13) The three-point contest featured one of the funniest “unintentionally funny live television” moments I have ever seen. TNT trotted out Kenny Smith, Reggie Miller, Charles Barkley, and Kevin Harlan to provide commentary for the event. When asked by his fellow analysts why certain players opt to start on the far side of the court, he responded that “some guys are more comfortable with specific areas on the floor. For example, a lot of players feel that they can get in a groove once they make it past the left or right tiddy…” Barkley had a field day:
“Tiddy? Did you just say tiddy at a basketball game?”
“Wouldn’t it be more appropriate to say man boob?”
“Reggie, you don’t know how hard it is for me to hold back on this.”
Luckily for TNT, the laughter was kept at a minimum as the conversation started just prior to a commercial break. Nevertheless, I feel privileged to have witnessed this moment as it occurred in real-time. And it also proves a theory I have had floating around my head for quite some time: if you watch Charles Barkley for an extended period of time, you will witness at least one moment that will make you laugh your ass off. I guarantee it.
14) I’m going to keep this particular thought very brief, just so I don’t jinx the guy, but Vladdy Radmanovic has been looking gooooooooooooooood lately. For whatever reason, since Pau came on board, his defense has picked up and is shot has started going down. Now, let’s see some consistency you hairy bastard.
15) Now, on another Lakers note, I have come to a sad realization: I think Kobe needs to get the surgery on his pinky. It has been recommended by team doctors and will keep him sidelined for six weeks. Before the Gasol trade, I would never have dreamed of backing surgery. Yet, with Bynum back in a couple of weeks, combined with Pau (who is not that far removed from leading the Memphis Grizzlies into the playoffs three years in a row), the Lake Show can handle its own. And with any luck, Kobe can return in time to get a tune-up just before the playoffs. Because when it comes down to it, seeding really doesn’t matter in the West this year. When there is a distinct possibility that a 50 win team winds up on the outside looking in, there really is not that much of a difference between a three seed and an eight seed.

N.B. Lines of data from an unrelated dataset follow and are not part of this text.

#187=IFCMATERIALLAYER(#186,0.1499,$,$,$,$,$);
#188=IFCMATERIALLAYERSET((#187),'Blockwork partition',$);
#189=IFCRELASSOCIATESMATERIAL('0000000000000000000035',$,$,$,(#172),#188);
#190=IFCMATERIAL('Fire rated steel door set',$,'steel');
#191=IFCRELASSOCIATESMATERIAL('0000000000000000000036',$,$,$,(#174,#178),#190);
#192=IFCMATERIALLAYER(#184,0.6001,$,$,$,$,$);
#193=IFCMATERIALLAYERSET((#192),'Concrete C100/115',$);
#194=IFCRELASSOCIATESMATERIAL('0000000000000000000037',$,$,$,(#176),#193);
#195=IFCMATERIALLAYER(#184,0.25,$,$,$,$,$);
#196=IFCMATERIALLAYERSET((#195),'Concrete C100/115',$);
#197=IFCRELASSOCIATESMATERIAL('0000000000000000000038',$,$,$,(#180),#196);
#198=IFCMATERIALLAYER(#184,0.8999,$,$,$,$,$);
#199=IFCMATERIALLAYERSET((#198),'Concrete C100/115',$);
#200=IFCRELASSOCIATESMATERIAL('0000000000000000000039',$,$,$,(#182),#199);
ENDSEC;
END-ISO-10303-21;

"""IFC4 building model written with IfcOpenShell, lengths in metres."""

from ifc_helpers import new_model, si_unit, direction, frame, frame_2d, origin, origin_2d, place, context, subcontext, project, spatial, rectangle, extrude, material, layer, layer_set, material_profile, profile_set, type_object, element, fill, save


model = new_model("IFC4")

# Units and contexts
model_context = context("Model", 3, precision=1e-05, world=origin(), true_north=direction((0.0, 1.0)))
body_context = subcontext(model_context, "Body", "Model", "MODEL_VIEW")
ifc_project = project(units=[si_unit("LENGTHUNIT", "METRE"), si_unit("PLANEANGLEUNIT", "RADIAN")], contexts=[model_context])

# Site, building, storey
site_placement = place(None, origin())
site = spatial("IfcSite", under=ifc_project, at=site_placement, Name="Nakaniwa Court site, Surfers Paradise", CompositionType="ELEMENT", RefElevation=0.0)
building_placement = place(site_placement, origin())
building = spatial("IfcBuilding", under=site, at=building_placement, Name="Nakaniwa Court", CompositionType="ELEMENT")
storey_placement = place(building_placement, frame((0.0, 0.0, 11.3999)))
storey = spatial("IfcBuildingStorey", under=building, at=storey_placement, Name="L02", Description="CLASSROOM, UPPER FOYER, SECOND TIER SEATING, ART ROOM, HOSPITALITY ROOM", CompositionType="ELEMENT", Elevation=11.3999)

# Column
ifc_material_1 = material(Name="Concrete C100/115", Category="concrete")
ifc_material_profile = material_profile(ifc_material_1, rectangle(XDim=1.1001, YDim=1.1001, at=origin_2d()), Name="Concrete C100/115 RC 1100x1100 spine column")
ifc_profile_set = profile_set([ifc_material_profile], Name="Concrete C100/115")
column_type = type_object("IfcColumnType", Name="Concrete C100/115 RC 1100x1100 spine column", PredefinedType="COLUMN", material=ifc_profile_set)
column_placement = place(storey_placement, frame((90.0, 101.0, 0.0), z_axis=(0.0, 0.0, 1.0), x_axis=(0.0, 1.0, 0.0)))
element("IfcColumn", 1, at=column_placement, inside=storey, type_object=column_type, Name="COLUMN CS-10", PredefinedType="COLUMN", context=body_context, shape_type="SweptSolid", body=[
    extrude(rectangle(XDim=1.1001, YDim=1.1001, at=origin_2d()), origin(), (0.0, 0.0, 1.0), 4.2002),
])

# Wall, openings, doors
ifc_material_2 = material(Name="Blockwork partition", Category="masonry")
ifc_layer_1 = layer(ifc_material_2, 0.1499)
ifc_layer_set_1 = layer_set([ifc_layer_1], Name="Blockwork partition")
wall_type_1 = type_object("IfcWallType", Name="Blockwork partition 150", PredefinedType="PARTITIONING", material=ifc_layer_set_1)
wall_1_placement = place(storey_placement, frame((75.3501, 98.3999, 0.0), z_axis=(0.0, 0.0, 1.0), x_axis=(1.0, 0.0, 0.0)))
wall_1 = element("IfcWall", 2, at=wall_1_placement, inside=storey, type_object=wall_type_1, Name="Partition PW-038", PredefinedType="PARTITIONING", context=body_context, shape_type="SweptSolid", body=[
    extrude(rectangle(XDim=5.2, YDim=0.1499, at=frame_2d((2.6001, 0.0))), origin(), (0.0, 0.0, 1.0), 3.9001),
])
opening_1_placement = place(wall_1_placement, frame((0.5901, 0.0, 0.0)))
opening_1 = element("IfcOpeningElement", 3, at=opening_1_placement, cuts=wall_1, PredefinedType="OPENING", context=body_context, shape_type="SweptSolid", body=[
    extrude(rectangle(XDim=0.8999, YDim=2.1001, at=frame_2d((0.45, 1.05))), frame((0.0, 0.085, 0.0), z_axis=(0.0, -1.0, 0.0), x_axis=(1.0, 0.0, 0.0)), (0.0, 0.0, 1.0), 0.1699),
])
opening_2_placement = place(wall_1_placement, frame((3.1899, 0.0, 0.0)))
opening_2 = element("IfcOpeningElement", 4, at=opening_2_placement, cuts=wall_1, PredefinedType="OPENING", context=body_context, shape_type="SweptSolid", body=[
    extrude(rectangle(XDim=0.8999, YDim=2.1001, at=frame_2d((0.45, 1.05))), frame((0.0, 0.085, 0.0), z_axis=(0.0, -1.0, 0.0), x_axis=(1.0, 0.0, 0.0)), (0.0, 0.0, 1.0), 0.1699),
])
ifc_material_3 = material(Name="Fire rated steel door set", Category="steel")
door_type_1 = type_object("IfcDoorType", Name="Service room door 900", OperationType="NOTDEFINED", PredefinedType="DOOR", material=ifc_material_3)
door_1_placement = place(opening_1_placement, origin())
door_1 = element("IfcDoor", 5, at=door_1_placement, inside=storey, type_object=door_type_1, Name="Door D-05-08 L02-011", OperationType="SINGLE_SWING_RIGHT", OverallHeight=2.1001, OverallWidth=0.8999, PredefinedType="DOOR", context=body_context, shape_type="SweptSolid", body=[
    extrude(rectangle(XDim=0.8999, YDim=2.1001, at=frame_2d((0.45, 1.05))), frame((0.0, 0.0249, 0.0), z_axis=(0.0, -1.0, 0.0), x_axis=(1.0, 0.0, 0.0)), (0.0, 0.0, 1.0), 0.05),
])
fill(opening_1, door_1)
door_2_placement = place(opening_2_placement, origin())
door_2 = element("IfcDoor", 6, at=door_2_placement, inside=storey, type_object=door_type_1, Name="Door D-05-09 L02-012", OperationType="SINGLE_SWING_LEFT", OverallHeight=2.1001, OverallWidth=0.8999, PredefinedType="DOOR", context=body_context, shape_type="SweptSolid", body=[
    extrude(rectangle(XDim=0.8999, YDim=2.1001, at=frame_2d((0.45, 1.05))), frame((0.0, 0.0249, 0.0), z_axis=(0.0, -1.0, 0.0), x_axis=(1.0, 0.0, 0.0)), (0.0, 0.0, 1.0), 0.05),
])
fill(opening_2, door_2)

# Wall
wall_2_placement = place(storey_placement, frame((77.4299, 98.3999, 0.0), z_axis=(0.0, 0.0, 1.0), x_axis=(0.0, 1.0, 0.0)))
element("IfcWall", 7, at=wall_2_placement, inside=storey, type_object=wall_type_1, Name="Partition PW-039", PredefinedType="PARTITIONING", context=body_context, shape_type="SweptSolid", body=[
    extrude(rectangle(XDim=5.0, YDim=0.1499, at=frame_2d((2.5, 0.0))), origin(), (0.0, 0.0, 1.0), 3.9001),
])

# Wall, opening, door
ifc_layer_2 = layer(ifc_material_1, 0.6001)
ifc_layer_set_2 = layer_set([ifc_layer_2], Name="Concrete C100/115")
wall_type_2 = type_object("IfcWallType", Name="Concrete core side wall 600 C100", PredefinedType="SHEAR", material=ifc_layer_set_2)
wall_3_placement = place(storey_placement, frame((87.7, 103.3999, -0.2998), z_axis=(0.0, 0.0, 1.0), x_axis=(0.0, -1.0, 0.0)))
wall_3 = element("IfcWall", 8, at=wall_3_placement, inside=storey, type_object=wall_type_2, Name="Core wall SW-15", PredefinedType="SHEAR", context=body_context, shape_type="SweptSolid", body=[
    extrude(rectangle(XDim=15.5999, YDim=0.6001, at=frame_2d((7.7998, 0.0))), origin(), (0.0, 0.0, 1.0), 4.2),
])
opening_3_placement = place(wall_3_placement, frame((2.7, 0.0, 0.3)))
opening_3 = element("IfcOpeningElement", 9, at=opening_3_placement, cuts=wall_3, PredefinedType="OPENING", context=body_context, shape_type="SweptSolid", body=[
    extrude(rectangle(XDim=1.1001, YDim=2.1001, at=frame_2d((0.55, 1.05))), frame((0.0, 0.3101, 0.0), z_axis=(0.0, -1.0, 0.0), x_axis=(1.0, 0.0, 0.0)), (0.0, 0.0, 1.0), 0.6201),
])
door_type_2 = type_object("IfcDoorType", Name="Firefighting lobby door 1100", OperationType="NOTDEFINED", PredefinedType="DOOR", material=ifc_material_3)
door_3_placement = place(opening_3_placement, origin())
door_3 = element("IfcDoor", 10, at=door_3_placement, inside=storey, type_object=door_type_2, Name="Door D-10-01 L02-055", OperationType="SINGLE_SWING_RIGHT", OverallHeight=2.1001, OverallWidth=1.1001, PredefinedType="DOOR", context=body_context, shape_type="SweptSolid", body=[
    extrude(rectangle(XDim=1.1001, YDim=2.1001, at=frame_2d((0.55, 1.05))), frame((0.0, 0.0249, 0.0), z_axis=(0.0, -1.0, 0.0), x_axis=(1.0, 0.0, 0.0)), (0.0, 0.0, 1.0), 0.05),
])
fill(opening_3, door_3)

16) So as you may or may not know, I attend Indiana University. You also probably know that this year’s big man on campus in Eric Gordon. My schedule for this semester has worked out that I pass Gordon every other day on my way back from class. I don’t find it nearly as exciting as my roommate does, but that’s not the issue here. An event from earlier today has just made my “Gordon sightings” list become weirder. I visited the local Taco Bell for some fine, Mexican cuisine and lo and behold, what do I see? Eric Gordon’s family (I recognized them from their appearances on game telecasts, plus they talked to each other like they were in the loop with IU)! How weird is that? And how many more Taco Bell trips do you think they will make after this year’s NBA draft?
*And trust me, it technically should have been a foul. I just want to make this clear so I don’t get mobbed with any “then why were you such a stickler for the rules in the Pats/Ravens game?” comments.